This isn’t useful only for asserts, it’s useful for any place where you risk going into an infinite loop. For example:
volatile bool command_received = false;
void USART_IRQHandler(void)
{
command_received = true;
}
int main()
{
...
while (!command_received)
{
// wait for command
}
...
}
Imagine a scenario where a machine waits for some kind of command, executes it, then halts till the next command. Another computer sends the command via UART. While designing a system, we know that the host computer will send a ping every 2 seconds. If we don’t get it, we know something is wrong. Maybe due to a cable issue, EMI, a UART peripheral glitch, or a bug elsewhere in the system. We don’t know, but going back to a known good state is out best bet.
Without a watchdog, someone would manually have to notice and powercycle the device. With a watchdog, we are able to automatically restart when we know (or at least strongly suspect) that we’ve reached a bad state.
Now you may be asking something along the lines of ‘what if the task I am trying to complete just takes a while? How does it know when to reset the counter?’ Well, dear reader, both of those are excellent questions and I am glad you’re paying attention.
The answer to both is that you have to reset it.
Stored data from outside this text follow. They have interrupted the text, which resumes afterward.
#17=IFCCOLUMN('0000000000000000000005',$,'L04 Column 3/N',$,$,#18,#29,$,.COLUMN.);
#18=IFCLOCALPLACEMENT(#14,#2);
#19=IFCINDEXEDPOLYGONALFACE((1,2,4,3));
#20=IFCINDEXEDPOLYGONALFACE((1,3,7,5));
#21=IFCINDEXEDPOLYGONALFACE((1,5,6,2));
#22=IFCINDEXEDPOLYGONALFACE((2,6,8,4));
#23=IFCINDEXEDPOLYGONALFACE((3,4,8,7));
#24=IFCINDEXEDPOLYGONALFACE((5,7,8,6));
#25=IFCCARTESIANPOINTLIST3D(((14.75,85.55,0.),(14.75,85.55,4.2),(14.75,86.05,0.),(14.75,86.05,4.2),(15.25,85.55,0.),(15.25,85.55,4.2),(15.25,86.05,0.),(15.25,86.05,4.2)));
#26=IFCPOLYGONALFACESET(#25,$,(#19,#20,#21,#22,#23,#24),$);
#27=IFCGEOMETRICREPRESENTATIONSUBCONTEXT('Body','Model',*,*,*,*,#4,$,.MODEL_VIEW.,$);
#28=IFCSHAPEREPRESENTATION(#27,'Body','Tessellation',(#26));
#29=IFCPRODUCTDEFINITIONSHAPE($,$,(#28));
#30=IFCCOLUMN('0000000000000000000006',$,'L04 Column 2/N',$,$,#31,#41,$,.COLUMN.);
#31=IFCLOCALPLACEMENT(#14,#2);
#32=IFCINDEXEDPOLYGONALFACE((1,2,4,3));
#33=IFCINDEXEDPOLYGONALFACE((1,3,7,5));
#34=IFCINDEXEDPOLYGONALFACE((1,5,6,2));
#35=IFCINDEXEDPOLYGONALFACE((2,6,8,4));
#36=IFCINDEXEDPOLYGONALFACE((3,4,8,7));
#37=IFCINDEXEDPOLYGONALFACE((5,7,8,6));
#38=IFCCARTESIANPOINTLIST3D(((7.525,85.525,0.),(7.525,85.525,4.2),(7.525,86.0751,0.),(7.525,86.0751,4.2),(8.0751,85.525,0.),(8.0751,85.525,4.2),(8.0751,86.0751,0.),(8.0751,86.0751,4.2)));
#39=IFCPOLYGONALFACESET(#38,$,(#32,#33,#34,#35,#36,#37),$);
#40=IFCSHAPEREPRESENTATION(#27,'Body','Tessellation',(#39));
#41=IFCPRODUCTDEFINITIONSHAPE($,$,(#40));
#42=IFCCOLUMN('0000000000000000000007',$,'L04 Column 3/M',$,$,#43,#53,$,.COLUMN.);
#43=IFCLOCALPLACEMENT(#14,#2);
You decide what has the possibly of being an infinite loop and where to put the watchdog resets. For example:
for(auto& pixel: pixels)
{
HAL_IWDG_Refresh(hiwdg);
processPixel(pixel);
}
Now, the entire loop can take as long as it likes. The only way the watchdog can be triggered is in processPixel(...) takes too long. Remember, the watchdog timer is checking the heartbeat of your code. If that heartbeat stops, the program restarts.
3. State machines
Have you ever written logic like this?
wait_for_input()
do_something()
wait_for_next_input()
do_something_else()
...
This is all fine and dandy if you’re only ever doing one thing, but what if you have multiple systems working at the same time? If the input timings are non deterministic, this pattern falls apart completely. The solution to this issue is state machines.
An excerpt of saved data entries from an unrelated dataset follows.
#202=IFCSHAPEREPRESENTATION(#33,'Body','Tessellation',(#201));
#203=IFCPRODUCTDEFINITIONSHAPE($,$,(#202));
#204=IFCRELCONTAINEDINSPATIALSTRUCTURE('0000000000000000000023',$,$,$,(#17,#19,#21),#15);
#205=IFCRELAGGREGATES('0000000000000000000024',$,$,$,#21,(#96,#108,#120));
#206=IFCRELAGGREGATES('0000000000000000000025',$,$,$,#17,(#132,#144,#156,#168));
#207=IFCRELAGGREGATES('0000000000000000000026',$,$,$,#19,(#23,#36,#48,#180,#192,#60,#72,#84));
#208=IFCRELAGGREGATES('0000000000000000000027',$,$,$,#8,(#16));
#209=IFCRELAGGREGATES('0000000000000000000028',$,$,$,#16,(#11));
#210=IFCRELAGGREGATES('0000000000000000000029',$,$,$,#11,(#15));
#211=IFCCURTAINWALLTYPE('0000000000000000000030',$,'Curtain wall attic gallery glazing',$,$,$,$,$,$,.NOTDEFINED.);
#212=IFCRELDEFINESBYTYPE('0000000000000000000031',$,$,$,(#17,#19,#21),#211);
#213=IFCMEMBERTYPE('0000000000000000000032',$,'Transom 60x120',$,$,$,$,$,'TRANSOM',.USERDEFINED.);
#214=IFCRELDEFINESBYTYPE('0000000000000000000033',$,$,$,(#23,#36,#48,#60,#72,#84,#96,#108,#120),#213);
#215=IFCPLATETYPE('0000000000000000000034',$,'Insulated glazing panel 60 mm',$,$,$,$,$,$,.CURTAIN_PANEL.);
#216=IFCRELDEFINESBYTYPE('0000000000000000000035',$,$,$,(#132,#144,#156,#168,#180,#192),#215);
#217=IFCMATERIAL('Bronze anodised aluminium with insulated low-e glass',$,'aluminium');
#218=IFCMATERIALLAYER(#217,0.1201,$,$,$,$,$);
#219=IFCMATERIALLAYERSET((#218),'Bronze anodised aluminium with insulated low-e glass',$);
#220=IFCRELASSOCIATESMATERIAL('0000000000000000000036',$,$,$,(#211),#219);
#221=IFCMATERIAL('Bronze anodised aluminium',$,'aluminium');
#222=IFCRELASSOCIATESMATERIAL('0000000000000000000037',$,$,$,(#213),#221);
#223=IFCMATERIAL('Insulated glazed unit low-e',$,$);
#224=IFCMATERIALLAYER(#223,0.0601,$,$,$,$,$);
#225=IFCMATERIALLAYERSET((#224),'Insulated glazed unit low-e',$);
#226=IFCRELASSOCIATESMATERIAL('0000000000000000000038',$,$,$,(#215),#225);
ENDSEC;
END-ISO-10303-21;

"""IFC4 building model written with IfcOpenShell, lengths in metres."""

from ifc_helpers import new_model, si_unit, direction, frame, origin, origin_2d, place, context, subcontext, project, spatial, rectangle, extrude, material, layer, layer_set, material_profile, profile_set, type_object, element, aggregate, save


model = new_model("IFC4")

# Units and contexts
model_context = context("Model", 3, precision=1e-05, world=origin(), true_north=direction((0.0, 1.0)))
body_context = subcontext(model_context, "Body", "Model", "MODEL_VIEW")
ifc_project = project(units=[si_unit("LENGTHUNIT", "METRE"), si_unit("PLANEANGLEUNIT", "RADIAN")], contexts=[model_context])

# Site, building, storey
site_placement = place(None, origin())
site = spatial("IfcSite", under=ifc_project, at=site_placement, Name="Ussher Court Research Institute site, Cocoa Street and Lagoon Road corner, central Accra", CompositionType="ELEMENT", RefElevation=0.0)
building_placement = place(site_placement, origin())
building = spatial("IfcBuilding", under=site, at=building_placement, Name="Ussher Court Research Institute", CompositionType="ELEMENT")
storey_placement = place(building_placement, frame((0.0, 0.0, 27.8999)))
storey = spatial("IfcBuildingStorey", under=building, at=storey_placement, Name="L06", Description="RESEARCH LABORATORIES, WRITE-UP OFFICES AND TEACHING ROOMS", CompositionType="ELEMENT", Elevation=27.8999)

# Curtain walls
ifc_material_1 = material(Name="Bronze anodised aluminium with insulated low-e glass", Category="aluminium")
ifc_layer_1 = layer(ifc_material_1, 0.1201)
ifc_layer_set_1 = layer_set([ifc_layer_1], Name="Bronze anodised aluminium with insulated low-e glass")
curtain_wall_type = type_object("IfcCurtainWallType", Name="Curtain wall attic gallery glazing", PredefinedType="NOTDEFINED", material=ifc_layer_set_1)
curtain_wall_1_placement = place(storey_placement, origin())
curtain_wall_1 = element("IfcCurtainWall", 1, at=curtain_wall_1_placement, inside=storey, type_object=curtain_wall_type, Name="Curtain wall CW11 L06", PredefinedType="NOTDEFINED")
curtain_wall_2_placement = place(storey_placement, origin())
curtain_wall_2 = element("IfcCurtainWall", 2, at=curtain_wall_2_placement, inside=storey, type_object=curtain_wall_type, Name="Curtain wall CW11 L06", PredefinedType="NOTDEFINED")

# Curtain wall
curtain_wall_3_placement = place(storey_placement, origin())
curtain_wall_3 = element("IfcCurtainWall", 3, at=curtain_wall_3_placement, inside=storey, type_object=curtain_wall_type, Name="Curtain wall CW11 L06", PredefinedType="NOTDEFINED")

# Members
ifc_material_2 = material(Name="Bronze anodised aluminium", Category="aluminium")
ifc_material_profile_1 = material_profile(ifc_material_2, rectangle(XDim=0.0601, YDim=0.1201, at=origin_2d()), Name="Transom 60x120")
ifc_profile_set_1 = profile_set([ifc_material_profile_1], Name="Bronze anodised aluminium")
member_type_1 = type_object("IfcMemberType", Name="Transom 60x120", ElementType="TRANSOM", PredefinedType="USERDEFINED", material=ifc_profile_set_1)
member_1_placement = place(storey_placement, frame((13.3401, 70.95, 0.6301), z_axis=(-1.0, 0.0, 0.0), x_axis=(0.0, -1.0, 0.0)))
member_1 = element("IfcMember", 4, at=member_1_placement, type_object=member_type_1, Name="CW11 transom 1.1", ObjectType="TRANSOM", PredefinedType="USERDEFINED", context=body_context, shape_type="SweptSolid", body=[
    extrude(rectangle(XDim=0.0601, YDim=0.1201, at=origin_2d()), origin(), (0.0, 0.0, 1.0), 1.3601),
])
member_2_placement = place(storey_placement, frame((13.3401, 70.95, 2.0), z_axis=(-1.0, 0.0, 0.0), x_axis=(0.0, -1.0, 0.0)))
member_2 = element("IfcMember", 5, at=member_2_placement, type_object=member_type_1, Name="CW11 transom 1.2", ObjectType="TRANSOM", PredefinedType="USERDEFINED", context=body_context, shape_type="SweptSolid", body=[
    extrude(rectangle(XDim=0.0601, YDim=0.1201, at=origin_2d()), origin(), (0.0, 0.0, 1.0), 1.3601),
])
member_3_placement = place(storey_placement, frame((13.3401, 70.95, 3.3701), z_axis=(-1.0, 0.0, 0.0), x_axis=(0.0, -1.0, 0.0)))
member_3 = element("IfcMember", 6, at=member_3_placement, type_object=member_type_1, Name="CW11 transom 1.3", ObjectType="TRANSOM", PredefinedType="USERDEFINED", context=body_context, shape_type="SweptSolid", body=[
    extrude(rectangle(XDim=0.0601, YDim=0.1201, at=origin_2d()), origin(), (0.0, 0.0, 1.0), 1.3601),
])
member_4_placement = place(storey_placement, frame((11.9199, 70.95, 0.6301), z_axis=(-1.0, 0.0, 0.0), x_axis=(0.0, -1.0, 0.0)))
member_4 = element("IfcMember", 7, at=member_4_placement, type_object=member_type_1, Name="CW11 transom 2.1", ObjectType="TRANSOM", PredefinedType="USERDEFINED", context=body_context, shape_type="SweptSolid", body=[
Anyone that has done a digital design course is quaking in their boots right now. Yes, it turns out that state machines are useful outside of that class. Really, they’re useful in a lot of places because of how good they are at modelling behaviour. I’m not going to re-teach finite state machines here. If you’ve taken a digital design course, you already know the theory. If you haven’t, well spend like an hour watching a video on youtube. What matters in firmware is not what a state machine is, but how it lets you structure non-blocking, time-aware systems.
A state machine models behaviour as a set of discrete states and well defined transitions between them, driven by events. That sounds like a lot I know, but once you understand it, it’s really powerful when describing a surprising amount of things. Lets look at an example using a turnstile.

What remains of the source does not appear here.